In earlier studies though, GetSocial found that Facebook referral traffic has the lowest recirculation percentage while dark social has the highest.   

According to Andreia Loureiro, Marketing Executive at GetSocial, “If people are coming to an article from Facebook and don’t recirculate at all, that means they only view the article they clicked on and leave the page.”

She adds, “Publishers have a hard time monetizing their users’ sessions when this happens. The higher the recirculation, the higher the reader loyalty, which also means that users are spending more than mere seconds on your page.”

According to the report, “This is expected since it’s plausible to assume that users’ attention span on Facebook is lower than on private conversations with friends and family.”

Further, ​the study found that dark social referrals (+221M) and Facebook referrals (+218M) are much higher than all other social channels together (+25M). 

Publishers who add social media sharing buttons on content pages to facilitate sharing and tracking should note that the study found that 83.88% shares were made by copying and pasting a link. Share buttons were used for only 16.03% of shares. 

Also the majority of shares (58.5%) were made on mobile. 

This is not surprising considering the increasing usage of mobile devices. A Pew research study found that mobile devices have become one of the most common ways Americans get news. They have outpaced desktop or laptop computers. The survey found that 58% of US adults often got news on a mobile device, compared to 39% that got it on a desktop or laptop computer.

A GlobalWebIndex survey from earlier this year found that around 44% shared news articles via private messaging apps. 

“Stories that could be going viral privately”

Publishers cannot ignore dark social. It occupies a very large slice of the pie and as the trends show, it’s going to get bigger. Which makes it crucial that publishers track dark social data.

On dark-social channels, content is shared between friends who know each others’ likes and preferences.

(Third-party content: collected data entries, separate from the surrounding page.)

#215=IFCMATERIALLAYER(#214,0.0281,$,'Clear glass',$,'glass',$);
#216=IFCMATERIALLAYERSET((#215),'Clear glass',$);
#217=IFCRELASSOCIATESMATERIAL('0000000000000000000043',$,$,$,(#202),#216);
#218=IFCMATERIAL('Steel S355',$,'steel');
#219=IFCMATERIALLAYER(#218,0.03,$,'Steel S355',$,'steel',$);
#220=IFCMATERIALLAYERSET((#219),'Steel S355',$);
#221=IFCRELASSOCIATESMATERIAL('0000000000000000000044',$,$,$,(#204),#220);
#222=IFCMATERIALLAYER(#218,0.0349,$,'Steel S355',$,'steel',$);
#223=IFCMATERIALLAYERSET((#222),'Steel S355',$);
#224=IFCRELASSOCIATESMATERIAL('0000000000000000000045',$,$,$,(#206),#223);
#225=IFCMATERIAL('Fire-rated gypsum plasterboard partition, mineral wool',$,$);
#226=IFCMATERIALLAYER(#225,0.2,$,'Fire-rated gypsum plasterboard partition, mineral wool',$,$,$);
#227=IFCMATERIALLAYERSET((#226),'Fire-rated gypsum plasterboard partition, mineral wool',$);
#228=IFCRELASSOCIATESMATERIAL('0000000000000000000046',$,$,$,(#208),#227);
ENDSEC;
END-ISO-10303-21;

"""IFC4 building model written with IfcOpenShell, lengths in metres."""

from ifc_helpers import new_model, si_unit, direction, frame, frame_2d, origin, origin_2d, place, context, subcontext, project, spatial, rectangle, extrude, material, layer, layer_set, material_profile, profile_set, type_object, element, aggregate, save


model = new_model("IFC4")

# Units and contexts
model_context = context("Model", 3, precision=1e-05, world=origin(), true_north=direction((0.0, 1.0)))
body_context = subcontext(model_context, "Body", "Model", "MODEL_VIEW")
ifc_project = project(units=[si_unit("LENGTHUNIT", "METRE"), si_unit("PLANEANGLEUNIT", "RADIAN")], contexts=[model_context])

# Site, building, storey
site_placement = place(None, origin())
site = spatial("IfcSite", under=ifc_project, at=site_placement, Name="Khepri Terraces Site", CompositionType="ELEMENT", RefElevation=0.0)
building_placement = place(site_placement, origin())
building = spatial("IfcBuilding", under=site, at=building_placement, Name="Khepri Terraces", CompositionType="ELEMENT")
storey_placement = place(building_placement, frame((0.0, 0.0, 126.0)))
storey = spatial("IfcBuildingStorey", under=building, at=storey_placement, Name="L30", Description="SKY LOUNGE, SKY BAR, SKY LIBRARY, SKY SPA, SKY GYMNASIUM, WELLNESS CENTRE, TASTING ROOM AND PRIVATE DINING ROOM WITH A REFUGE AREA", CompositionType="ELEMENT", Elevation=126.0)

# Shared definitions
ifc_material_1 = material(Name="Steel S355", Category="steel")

It’s a level of hyper-personalization most companies can only hope to attain.”

David Cohn, Co-founder and Chief Strategy Officer of Pigeon, a social sharing app on Facebook Messenger

Romão whose company GetSocial offers a Dark Social Calculator says, “Publishers are especially threatened by not having insight into their dark social shares because it can really impact how they measure content success.

“They risk investing in distributing stories solely based on social media engagement when there are other stories that could be going viral privately.”